# Are there ANY other types of fish that can safely live with my Blackbelt and RBP?



## ThePhoenix (Jul 23, 2012)

like the title says I have a mostly empty 75 gallon aquarium that I would like to populate with more fish. But the 2 that I currently have are very vicious. I still have a lot to learn about species that are compatible with these two. Any suggestions?

Thanks


----------



## macframalama (Apr 17, 2012)

yeah remove the Rbp, and there are loads of options that would provide hours of entertainment

suggestion #1 any sa/ca cichlid female in or around the same size.

if you want to have some fun breeding freaks i would try and get a adult midas female, or any type of female synspillum or better yet get ahold of brez and buy his female jag.. that big gurl would love the company of your big male bb

are you 100% that yours is a male, has it ever spawned before?, has it ever laid eggs, ? have you vvented it to confirm sex? these are all very very important things because if you toss in the wrong sex you will have a class A cluster F on your hands..

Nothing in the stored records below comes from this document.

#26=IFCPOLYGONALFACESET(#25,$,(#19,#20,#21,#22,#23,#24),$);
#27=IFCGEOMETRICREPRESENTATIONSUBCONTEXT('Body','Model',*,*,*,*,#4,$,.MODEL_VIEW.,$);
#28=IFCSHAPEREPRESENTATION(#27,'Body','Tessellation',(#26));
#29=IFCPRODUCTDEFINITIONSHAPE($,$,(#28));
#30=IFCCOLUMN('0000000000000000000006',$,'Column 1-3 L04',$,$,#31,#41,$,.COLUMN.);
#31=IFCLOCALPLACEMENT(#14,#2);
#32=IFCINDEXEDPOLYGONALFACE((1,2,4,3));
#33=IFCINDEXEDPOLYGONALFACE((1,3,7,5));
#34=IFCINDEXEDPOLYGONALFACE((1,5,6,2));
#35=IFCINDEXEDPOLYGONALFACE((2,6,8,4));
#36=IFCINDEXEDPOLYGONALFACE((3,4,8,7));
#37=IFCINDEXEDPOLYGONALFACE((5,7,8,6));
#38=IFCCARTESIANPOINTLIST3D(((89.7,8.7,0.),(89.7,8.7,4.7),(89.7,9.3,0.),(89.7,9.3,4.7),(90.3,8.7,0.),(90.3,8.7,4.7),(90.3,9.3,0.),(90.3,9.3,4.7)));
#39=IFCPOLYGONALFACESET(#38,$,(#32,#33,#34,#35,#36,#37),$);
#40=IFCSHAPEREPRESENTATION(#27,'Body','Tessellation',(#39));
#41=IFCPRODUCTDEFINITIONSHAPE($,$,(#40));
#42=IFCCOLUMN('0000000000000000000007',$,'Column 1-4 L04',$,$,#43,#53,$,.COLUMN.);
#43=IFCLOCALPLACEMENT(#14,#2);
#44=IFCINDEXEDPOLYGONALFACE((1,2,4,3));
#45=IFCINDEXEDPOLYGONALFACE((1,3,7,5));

or keep an eye out for a female flowerhorn or toss in an adult female convict<most likely will be eaten and would have to be ADULT status> but worth a shot..

but if it was my fish i would scoop that big female jag off brez, or get him to figure out the sex of that rose queen 100%, or be on the look out for a kkp<king kong parrot> and hybridize the crap out of it

or you could sell off the bb and buy like 4 more rbp's or sell both of em off and get some gars , since you like watching things eat there is a good eater, or an armatus, or gtf or african tiger fish, or scrap all of that and get a puffer<awesoem by the way> big ole fahaka puffer , i dont think there is too many fish cooler/meaner than those


----------



## ThePhoenix (Jul 23, 2012)

Brez has appraoched me to breed with is Jag. dude have you seen the size of Buddy?? 10 inches long, weighs about a pound, I pity the fool that tries to pick him up and turn him over.

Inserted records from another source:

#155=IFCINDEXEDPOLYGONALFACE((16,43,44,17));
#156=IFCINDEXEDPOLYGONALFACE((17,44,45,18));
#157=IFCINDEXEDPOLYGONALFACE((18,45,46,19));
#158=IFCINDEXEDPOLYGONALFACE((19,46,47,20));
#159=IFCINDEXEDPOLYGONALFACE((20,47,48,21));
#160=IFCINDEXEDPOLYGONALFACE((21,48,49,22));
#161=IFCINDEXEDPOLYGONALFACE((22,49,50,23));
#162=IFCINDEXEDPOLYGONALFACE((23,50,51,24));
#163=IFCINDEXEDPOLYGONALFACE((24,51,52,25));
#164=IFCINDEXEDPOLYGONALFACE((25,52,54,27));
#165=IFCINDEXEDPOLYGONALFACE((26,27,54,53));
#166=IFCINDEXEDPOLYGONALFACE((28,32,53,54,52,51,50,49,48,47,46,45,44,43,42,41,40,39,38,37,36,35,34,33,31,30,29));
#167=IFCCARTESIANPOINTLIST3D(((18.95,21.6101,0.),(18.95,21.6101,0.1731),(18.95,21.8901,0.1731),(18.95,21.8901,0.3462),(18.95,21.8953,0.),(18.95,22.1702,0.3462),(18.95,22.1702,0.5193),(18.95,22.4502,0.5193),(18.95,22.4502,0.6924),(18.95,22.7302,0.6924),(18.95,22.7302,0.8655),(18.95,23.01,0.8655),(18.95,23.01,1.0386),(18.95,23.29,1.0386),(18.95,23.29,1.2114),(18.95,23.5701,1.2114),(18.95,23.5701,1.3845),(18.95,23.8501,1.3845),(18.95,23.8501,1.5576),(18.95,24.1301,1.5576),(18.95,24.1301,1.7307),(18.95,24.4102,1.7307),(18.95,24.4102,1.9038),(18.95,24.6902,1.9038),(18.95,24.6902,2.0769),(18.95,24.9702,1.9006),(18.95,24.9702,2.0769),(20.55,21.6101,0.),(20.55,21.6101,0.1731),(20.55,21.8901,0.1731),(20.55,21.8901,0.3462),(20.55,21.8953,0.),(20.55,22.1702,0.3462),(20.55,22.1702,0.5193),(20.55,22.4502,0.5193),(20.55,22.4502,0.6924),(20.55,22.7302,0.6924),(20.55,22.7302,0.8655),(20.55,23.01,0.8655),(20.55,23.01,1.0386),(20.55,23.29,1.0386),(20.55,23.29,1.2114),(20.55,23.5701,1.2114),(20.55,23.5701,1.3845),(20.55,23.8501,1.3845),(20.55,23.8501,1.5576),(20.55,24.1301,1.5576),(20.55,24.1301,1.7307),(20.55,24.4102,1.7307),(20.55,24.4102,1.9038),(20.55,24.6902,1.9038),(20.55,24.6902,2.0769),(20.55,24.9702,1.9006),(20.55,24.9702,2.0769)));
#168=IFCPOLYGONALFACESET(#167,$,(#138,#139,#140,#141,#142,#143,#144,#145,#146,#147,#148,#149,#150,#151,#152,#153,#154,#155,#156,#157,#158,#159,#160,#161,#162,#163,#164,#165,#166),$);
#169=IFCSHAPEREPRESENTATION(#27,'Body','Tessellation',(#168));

I almost want to put out feelers to see what people would offer me in trade for a 5 inch RBP


----------



## sunshine_1965 (Aug 16, 2011)

You might get away with some large Jack Dempseys or some large oscars. Jags are a good choice as well. You just need some large aggressive cichlids.


----------



## Captured Moments (Apr 22, 2010)

How about an Aimara wolf fish? It's tough.


----------



## ThePhoenix (Jul 23, 2012)

Any fish that I put in there has to be able to hold its own against those two.

will large oscars be attacked? where do I find large JDs?

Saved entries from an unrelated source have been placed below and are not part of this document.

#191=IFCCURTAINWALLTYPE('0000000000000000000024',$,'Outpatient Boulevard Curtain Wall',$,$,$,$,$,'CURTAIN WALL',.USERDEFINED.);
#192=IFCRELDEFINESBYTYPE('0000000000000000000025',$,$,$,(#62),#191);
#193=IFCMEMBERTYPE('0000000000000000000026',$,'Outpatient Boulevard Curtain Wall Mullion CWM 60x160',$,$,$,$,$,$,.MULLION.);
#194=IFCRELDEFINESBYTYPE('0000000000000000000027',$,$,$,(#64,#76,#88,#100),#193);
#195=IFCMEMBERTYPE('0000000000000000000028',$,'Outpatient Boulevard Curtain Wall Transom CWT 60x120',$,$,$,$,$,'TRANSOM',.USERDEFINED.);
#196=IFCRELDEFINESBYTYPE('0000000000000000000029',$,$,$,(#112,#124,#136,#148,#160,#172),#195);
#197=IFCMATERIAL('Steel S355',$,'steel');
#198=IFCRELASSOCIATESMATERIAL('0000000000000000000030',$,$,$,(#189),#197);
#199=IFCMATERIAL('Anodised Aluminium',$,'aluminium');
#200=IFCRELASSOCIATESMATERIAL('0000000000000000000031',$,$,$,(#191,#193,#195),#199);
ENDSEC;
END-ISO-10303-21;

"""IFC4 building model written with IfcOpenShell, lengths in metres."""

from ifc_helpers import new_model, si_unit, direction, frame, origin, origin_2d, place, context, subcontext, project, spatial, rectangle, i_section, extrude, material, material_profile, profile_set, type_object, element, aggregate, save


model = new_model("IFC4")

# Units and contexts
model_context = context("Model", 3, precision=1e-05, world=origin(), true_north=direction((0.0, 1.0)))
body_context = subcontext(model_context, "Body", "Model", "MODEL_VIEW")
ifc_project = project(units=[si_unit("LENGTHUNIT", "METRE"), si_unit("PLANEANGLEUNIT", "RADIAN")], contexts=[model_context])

Im not familiar with Aimara wolf fish... as long as they wont be attacked I suppose theyre cool


----------



## macframalama (Apr 17, 2012)

i wouldnt put a wolf in there #1 there like $130 bucks,

i bet a decent sized jardini could be housed with a bb but i wouldnt keep the piranha in there, the way the arowana moves would be a trigger for the piranha to attack, but i dunno if i would risk an aro in with the bb, so

get a large species cichlid , like a jag,midas,devil,jd's <but are ugly as sin when they get big>, flowerhorn, trimac<but your gonna need a tank size upgrade>a big green terror male<no sence using a female they cant hybridize>

i wouldnt get an oscar they are just big and dirty and standard issue run of the mill.


----------



## Elle (Oct 25, 2010)

An oscar would get punked by the existing fish. Not aggressive enough.

I'd rehome the RBP to somebody with a school of them and try for breeding with the jag, or one of the other big cichlids that Mac suggested.


----------



## ThePhoenix (Jul 23, 2012)

If I cant breed with Brez's Jag, where can I get a large female jag?


----------



## macframalama (Apr 17, 2012)

just buy his jag he has it for sale...

who said it cant?


----------



## ThePhoenix (Jul 23, 2012)

IF, as in, IF it doesnt work out for whatever reason


----------



## macframalama (Apr 17, 2012)

oh i c

i would almost look up that female flowerhorn, or talk to brez about sexing his rosequeen, or that other flowerhorn he has.


----------



## ThePhoenix (Jul 23, 2012)

I have already agreed to buy his Jag, we just have to arrange a time to meet up


----------